Les livres et moi, mes coups de coeur, mes découvertes, mes créations ou mes voyages : intellectuels, spirituels, botaniques ou culinaires...
J'ai quand même posé la question, par cruauté ou par innocence, peut-être, je ne sais plus.
"Il va revenir aujourd'hui, papa ? "
A six ans, jouer l'ignorance quand on a parfaitement compris.
Mourir n'empêche pas un père de revenir à la maison. Mourir est un acte comme un autre.
Voilà un court roman-récit d'une centaine de pages qui se lit très vite...
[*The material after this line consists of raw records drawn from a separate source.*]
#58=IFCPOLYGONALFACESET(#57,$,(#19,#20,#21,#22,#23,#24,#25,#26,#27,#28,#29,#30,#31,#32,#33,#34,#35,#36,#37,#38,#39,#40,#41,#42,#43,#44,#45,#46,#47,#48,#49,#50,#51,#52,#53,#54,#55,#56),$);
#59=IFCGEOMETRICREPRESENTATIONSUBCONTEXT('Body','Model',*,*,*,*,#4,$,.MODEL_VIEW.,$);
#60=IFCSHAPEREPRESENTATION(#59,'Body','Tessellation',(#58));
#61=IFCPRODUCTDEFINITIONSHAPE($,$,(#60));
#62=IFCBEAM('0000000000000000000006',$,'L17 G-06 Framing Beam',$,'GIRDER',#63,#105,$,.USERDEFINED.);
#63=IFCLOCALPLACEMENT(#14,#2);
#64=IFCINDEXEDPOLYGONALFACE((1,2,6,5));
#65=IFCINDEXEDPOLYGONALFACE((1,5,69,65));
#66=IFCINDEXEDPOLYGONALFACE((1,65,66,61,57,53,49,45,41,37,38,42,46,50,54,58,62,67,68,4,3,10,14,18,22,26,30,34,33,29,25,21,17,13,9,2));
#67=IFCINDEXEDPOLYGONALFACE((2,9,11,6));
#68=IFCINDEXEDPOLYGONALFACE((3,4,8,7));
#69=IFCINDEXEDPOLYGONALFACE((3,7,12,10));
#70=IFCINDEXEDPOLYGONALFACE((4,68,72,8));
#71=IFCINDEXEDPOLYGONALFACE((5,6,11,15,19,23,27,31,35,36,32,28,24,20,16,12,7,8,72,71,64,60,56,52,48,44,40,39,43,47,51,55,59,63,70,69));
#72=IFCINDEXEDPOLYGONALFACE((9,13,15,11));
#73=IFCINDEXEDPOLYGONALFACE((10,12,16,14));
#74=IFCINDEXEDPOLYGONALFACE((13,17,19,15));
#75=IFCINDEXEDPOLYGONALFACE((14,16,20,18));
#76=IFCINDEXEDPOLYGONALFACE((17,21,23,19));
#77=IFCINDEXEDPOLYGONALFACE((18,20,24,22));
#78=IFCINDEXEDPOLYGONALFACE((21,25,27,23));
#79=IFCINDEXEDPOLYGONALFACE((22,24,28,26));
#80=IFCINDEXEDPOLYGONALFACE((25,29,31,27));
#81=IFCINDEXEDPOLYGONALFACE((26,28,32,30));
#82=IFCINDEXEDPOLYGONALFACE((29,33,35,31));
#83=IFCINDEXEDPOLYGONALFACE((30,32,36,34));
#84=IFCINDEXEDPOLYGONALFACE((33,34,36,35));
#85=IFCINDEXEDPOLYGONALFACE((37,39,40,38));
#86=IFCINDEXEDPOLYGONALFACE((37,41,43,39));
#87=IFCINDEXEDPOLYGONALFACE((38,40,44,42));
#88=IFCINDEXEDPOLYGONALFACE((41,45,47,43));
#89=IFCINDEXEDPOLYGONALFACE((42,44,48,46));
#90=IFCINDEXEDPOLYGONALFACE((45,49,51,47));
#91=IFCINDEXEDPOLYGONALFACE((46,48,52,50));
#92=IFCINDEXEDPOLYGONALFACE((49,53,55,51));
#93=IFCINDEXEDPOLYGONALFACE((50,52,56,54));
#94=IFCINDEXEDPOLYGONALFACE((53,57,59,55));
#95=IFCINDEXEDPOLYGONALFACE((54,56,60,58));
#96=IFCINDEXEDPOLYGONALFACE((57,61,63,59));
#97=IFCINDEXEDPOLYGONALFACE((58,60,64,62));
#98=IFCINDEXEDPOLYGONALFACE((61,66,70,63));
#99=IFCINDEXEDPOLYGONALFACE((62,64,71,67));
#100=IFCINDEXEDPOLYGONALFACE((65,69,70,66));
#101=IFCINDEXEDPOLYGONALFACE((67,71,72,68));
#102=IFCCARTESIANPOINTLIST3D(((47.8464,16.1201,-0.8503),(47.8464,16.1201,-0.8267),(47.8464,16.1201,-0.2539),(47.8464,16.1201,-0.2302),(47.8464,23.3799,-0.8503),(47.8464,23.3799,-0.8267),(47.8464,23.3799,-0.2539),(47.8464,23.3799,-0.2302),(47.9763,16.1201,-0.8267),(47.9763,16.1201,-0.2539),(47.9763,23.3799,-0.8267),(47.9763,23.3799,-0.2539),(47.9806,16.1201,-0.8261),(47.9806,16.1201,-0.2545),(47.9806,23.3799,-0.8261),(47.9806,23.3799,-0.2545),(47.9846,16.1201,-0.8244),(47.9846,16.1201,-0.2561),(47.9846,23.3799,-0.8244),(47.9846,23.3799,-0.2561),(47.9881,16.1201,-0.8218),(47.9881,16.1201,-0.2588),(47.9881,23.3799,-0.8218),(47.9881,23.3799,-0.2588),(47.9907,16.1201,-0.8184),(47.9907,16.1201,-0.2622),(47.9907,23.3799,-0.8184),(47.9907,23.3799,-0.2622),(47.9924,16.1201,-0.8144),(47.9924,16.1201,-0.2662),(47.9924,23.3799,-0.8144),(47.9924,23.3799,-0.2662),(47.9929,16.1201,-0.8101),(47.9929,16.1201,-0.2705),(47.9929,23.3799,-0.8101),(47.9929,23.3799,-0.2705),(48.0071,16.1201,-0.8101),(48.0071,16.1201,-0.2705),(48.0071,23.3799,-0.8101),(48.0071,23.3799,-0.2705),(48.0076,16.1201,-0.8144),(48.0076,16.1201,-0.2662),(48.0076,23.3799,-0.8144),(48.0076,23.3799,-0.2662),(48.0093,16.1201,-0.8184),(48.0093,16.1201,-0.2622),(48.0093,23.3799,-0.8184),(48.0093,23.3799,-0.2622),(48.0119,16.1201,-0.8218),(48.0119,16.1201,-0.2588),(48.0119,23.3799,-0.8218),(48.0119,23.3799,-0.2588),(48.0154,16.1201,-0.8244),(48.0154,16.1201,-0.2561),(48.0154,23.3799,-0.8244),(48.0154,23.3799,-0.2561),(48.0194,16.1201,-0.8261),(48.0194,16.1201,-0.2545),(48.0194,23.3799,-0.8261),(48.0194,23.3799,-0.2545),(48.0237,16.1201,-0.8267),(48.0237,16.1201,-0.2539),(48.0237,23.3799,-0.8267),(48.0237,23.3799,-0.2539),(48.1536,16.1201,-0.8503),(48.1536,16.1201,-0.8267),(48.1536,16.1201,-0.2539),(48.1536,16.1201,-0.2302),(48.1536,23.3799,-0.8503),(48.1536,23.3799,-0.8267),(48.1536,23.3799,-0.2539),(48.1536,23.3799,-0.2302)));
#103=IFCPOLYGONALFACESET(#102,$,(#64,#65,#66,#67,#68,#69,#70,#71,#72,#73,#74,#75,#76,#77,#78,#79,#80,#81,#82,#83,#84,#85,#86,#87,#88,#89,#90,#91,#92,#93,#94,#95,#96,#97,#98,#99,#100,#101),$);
Lorsqu'à six ans la narratrice perd son père, personne parmi ses proches ne lui explique ce qui se passe...Alors c'est facile pour elle de feindre l'ignorance. D'autant plus que sa mère, écrivain, s'enfonce dans le déni et le silence, et qu'elle plonge dans l'écriture comme dans le seul salut possible pour continuer à vivre.
C'est facile pour une petite fille de six ans de penser qu'être mort n'implique pas forcément, ne plus revenir à la maison.
Elle se sent abandonnée et invente son propre monde où son père est encore vivant.
Est-il parti en voyage ?
A-t-il mystérieusement disparu ?
A-t-il fondé une autre famille avec une autre femme et peut-être d'autres enfants ?
Tout est possible quand on a six ans.
Pendant le jour, la narratrice contemple le contenu d'une boîte contenant milles petits objets ayant appartenu à son père, elle reproduit son écriture en recopiant ses lettres... et la nuit c'est dans les bras de sa mère qu'elle se réfugie en une étreinte fusionnelle.
Dans ce récit, tout réside dans l'ambiance et dans les mots employés par l'auteur, la poésie de certaines phrases, la fusion mère-fille où toutes deux trouvent un réconfort et ce silence qui les relie parce que les mots n'ont pas de place pour dire leur souffrance...
C'est un beau texte très doux et intimiste, autobiographique d'un(e) auteur(e) que j'avais découvert en lisant "J'ai longtemps eu peur de la nuit" en 2016.
A découvrir...
Nous vivions muettes, les mots n'avaient pas leur place ici...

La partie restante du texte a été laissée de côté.